不,只有一组国家是我们40年后不可能与之闹翻的:其他CANZUK国家。这很重要,尤其是因为我们需要尽快就下一代威慑力量做出决定。
如果我们决定建立一个完全自主的核能力——一个不需要美国存储或备件的核能力,如法国那样——我们将需要自己的火箭制造能力。这将比购买现成的美国替代品贵大约两倍。单靠我们自己,我们负担不起;作为CANZUK联盟的一部分,我们可以。
CANZUK在四个潜在成员国中一直获得约三分之二的支持率,使其成为政府可以实施但尚未实施的最受欢迎的政策。
为什么他们没有实施?部分原因是,直到最近,热情主要来自右翼政党:英国的保守党、加拿大的自由党、澳大利亚的自由党,以及新西兰的三个右翼政党(国家党、新西兰优先党和行动党)。

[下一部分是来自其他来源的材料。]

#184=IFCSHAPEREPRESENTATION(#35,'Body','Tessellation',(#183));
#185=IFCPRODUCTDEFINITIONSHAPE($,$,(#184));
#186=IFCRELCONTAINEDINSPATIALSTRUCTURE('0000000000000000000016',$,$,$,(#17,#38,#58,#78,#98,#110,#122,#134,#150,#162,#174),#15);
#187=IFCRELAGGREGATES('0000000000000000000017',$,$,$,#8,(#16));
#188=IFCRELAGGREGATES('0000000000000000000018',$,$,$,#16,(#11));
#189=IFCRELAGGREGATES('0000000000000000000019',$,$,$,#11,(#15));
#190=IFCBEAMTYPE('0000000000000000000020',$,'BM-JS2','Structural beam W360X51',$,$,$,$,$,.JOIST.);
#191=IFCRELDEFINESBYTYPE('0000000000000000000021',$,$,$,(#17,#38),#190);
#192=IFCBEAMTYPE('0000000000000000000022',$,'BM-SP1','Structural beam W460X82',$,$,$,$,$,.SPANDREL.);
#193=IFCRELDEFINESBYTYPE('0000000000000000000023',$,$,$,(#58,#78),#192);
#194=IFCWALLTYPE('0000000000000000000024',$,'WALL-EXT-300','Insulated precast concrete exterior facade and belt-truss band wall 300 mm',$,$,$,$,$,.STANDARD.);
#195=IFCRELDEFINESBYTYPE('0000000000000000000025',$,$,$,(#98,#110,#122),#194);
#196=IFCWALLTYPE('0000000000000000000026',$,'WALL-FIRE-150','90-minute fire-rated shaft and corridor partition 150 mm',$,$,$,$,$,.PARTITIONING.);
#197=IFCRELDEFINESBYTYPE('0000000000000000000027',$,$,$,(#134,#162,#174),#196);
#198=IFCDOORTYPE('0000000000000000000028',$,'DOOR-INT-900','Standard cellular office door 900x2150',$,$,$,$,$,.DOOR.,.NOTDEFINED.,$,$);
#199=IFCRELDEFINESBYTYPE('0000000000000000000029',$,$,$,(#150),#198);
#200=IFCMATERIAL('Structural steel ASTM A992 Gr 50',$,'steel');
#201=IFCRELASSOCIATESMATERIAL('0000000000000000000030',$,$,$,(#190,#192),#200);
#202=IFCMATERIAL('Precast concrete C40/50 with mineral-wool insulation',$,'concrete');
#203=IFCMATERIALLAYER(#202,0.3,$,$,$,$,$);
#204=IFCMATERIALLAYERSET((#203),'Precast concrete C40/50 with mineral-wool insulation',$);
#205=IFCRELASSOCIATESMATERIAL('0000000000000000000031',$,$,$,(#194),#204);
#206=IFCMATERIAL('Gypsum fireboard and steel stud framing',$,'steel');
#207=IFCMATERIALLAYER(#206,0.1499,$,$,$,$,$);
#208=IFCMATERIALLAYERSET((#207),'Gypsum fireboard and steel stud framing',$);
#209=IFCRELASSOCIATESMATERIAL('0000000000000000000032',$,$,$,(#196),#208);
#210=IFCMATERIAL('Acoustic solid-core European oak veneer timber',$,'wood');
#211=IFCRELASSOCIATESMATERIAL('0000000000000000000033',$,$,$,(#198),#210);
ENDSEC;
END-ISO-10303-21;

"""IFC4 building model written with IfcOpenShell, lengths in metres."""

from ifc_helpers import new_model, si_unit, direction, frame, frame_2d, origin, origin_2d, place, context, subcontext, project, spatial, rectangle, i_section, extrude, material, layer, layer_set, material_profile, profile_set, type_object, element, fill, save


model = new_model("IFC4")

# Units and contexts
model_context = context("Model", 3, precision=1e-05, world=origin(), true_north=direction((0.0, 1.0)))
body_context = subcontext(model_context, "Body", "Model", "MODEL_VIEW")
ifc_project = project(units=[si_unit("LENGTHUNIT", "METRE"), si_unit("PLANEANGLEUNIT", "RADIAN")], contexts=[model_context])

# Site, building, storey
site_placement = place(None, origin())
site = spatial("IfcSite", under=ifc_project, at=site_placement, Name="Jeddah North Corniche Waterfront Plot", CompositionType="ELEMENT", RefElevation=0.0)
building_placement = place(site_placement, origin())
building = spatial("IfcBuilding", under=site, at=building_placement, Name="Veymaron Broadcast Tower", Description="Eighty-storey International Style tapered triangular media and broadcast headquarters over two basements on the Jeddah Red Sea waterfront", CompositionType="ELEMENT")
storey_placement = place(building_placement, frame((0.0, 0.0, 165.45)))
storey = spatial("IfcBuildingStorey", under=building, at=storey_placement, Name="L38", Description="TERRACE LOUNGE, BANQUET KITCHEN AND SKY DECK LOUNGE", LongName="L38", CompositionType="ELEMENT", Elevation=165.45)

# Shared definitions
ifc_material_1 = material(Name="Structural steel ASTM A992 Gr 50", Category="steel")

一些左派人士本能地反对任何看起来像帝国怀旧的东西,或者更糟的是,对白人英联邦的怀念(尽管实际上,这四个国家的非白人人口比例都比欧盟大)。在英国,欧洲怀旧者对脱欧派提议与遥远国家自由流动感到不安,理由是英国人更容易想象自己在澳大利亚或加拿大工作,而不是在芬兰或斯洛伐克。
但这一切都是在特朗普开始威胁吞并加拿大之前——事实上,他还对其他美国盟友施压。当澳大利亚在2005年与美国签署贸易协议时,它特别豁免了其钢铁出口免受以国家安全名义征收的任何关税。特朗普还是征收了这些关税。
突然间,CANZUK开始看起来既不可避免又紧迫。在上个月的加拿大自由党领袖辩论中,候选人们争先恐后地要求与其他主要英语君主国建立更紧密的经济联系——尽管这是法语辩论。
当我在本周的上议院提出CANZUK时,冷静的部长查普曼男爵夫人回答说,政府将同情地听取任何提议。
从基本原则出发,我并不偏好CANZUK协议而非美国领导的协议。我更愿意保留美英共同防御协议、北约、AUKUS以及自1941年大西洋宪章以来我们建立的所有其他机制。我很高兴看到新西兰在其令人印象深刻的国防部长朱迪思·柯林斯的领导下与AUKUS保持一致。
如果美国联盟可以挽救,CANZUK将作为补充。但如果不可以,它是一个舒适的备选方案,构成地球上第三大军事力量。
我们能多快实施?明年10月是1926年帝国会议的百年纪念,那次会议开始了大英帝国向自愿联合体——英联邦——的正式转变。
正如乔治五世国王在那次场合接待了他的各位总理一样,他的曾孙查尔斯三世应该邀请他的四个主要领域的总理——届时,如果运气好的话,可能包括澳大利亚的彼得·达顿、加拿大的皮埃尔·波利耶夫尔以及新西兰的克里斯托弗·卢克森。那次会议应宣布正式成立CANZUK秘书处,基于时区原因设在温哥华,并负责确保四个同源国家之间的劳动力自由流动、市场互惠和共同防御。
这将为每位参与的总理带来巨大的选举推动力。你知道吗?如果基尔·斯塔默爵士能成功,他应得此荣誉。
丹尼尔·汉南是前保守党欧洲议会议员、上议院成员和脱欧投票的创始人。